APP_NAME = "RAG evaluation run on existing data"
APP_VERSION = "V1"

# Create TruApp with None - no app object or main_method needed!
tru_app = TruApp(
    app=None,  # No app object needed for virtual runs
    app_name=APP_NAME,
    app_version=APP_VERSION,
    connector=sf_connector,
)

# Create run config with dataset specification
run_name = f"virtual_run_{uuid.uuid4()}"

run_config = RunConfig(
    run_name=run_name,
    dataset_name="virtual_run_test",  # Your Snowflake table name
    source_type="TABLE",
    dataset_spec={
        # The dataset_spec maps span attribute paths to column names
        # This creates spans dynamically based on what you define here!
        "record_root.input": "QUERY_STRING",  # Root span input
        "record_root.output": "OUTPUT_STRING",  # Root span output
        "retrieved_contexts": "CONTEXTS",  # Retrieval span contexts
    },
)

# Use the existing add_run() flow
virtual_run = tru_app.add_run(run_config=run_config)

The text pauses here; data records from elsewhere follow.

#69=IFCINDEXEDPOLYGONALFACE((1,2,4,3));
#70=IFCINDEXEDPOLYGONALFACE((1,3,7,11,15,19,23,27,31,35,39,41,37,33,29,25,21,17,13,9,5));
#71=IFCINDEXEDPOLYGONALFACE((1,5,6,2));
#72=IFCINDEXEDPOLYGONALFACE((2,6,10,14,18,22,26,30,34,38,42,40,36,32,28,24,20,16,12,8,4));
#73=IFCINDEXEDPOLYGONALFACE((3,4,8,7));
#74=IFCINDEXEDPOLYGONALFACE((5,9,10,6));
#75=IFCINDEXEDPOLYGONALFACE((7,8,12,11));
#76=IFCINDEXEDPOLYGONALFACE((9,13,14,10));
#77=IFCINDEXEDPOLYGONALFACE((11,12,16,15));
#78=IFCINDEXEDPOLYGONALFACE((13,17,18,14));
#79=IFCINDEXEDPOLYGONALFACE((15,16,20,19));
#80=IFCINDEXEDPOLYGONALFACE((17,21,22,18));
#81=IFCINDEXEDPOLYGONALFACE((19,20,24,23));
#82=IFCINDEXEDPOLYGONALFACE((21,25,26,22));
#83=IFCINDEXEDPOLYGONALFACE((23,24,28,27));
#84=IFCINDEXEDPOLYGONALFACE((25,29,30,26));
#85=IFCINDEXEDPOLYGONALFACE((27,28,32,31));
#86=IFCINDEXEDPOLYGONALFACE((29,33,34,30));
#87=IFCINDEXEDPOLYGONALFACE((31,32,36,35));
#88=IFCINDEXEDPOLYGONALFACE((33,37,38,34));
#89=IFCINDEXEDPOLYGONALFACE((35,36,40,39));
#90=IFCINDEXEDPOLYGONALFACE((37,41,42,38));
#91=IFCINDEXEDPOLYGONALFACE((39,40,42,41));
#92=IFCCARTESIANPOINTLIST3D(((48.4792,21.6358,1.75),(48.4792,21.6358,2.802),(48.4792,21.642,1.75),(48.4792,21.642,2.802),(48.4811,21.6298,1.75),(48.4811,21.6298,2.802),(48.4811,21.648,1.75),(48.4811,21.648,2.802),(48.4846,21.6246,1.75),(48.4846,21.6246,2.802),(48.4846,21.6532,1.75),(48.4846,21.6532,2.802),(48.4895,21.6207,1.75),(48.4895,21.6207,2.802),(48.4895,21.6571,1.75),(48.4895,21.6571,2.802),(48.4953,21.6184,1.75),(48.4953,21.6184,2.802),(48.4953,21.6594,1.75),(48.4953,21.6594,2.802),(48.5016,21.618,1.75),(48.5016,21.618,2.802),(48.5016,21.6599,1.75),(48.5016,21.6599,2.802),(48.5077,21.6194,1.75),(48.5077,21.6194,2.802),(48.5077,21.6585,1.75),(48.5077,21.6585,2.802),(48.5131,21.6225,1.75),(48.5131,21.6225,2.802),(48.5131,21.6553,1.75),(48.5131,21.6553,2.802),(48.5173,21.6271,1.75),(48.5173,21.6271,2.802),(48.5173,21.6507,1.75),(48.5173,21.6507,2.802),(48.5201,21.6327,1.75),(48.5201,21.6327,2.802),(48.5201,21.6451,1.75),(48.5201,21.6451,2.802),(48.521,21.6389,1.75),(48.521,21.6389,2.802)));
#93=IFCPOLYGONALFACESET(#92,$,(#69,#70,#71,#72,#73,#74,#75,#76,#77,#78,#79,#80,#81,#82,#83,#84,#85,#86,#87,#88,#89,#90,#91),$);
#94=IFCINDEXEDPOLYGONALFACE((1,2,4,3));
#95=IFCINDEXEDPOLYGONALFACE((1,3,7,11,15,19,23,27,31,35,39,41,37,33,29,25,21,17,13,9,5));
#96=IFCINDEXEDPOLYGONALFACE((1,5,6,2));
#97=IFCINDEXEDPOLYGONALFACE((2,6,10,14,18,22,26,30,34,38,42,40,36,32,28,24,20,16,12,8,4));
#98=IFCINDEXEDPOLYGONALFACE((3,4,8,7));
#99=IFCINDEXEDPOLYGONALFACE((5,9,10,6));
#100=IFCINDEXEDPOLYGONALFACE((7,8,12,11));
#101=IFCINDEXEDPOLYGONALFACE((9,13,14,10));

print(f"Created virtual run: {run_name}")

In [None]:
# Start the virtual run - this will create OTEL spans from existing data
virtual_run.start(virtual=True)

## Virtual Run - New Feature!
With the new virtual run feature, you can now ingest existing data directly into the Event Table without creating a dummy app. This approach is much cleaner and avoids the awkward pattern of creating fake app methods.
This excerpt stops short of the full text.